1. As you, many of us Germans are trying to find a clause in respect of the growing international tensions, crises and wars, the millions of people being displaced and hurt, even murdered, cities, houses and civil infrastructure being destroyed, local cultures being neglected and eroded and nature being harmed, partly in an irrevocable way. As you, we notice severe contradictions in positions, words and deeds of politicians and leaders. If I may add: politicians and leaders of any nation and creed.

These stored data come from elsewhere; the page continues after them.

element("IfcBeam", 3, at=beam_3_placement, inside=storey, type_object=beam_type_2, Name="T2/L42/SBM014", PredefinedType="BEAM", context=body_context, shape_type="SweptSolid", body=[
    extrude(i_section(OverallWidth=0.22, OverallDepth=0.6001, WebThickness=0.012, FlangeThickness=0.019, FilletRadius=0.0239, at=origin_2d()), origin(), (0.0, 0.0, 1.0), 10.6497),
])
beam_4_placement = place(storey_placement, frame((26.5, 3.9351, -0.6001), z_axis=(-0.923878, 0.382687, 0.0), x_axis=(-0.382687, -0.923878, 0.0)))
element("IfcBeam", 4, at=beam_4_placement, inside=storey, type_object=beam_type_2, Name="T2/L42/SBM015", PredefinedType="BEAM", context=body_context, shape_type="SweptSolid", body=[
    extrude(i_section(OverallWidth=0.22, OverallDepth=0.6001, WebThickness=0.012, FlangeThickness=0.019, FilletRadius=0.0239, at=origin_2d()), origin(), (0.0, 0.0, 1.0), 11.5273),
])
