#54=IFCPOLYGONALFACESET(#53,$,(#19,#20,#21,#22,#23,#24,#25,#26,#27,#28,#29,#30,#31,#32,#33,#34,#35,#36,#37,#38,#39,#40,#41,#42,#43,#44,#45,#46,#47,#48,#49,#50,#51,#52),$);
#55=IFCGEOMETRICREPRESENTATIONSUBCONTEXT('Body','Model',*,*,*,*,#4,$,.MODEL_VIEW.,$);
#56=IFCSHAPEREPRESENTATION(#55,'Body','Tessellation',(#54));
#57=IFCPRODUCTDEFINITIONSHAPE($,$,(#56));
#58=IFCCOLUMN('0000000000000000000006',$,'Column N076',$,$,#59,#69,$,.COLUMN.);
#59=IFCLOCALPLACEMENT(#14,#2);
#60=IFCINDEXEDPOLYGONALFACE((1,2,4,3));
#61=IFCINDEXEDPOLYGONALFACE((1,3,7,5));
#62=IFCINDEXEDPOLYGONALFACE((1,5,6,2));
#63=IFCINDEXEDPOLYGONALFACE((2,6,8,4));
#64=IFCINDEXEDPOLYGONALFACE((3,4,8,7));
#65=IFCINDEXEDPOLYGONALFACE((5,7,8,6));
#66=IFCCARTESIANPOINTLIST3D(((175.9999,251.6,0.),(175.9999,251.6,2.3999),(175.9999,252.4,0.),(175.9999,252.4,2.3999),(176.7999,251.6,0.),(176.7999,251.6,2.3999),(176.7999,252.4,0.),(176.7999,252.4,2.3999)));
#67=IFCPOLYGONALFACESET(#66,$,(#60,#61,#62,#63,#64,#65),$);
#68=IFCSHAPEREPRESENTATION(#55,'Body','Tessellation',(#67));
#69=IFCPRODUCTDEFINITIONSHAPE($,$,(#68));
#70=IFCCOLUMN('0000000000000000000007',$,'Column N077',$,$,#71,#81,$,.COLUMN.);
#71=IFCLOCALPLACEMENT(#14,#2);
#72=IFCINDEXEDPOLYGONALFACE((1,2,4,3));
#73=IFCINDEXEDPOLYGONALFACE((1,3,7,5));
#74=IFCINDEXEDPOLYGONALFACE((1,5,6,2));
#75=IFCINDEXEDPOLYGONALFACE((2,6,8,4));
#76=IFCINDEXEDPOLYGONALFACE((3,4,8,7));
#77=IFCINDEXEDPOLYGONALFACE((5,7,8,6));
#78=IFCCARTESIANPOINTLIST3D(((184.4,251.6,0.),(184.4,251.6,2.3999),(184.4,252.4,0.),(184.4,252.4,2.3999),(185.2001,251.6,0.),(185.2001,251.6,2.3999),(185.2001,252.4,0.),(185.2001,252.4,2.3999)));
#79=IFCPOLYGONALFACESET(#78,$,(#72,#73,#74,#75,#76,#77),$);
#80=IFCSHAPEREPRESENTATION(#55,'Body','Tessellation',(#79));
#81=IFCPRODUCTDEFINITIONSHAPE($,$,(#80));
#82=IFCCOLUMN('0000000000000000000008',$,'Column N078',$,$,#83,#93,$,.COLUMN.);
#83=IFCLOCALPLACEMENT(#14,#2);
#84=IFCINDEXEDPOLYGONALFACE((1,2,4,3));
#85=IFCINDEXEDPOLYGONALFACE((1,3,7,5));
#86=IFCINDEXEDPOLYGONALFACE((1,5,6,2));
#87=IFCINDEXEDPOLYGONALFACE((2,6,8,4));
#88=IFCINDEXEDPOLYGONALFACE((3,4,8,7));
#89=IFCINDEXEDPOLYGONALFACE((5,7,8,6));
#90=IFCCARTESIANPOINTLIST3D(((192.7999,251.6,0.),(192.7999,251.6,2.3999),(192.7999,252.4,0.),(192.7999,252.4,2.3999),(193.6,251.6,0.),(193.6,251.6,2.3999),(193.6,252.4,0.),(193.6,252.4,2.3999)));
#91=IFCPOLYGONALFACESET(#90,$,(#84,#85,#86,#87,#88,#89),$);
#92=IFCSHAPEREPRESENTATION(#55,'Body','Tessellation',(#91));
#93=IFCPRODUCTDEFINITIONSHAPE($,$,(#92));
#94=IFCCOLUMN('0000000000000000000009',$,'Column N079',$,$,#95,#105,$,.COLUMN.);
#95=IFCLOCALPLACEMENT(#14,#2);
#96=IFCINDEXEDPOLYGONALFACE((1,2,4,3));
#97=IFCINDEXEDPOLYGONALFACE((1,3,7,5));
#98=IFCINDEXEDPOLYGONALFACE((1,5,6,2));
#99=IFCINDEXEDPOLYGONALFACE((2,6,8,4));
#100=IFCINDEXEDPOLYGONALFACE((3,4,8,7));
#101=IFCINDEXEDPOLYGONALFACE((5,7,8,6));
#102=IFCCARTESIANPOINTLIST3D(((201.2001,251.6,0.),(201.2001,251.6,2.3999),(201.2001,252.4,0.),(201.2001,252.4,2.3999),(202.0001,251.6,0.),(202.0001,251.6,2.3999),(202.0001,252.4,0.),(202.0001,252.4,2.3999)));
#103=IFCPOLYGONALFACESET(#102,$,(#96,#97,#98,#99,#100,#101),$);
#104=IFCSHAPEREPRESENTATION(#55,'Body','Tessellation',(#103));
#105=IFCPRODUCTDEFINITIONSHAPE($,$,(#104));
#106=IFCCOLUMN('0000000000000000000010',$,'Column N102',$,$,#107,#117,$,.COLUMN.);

There are light-handed explanations as the power-vacuum left from the collapse of the Soviet empire. And I would also concede that Western states and organisations tried to make use of the new strategic situation and tried to actively become a spearhead of a Western style global civilization. At the same time, technology flow and the effects of globalisation seem to have made states more vulnerable and stateless nets more of a danger, even for broad infrastructure and for the performance and even existence of weaker states. As you, I guess that the sovereignty of any state is the prerequisite for an international peace order, and my strong conviction is due to the German aggression in WW II. Furthermore we may agree that dangerous aggression is not limited to military action, but includes economic aggression and especially cultural forms, where the basic texture of a society may be destroyed by new aims and values, new knowledge and a new adjudication of resources.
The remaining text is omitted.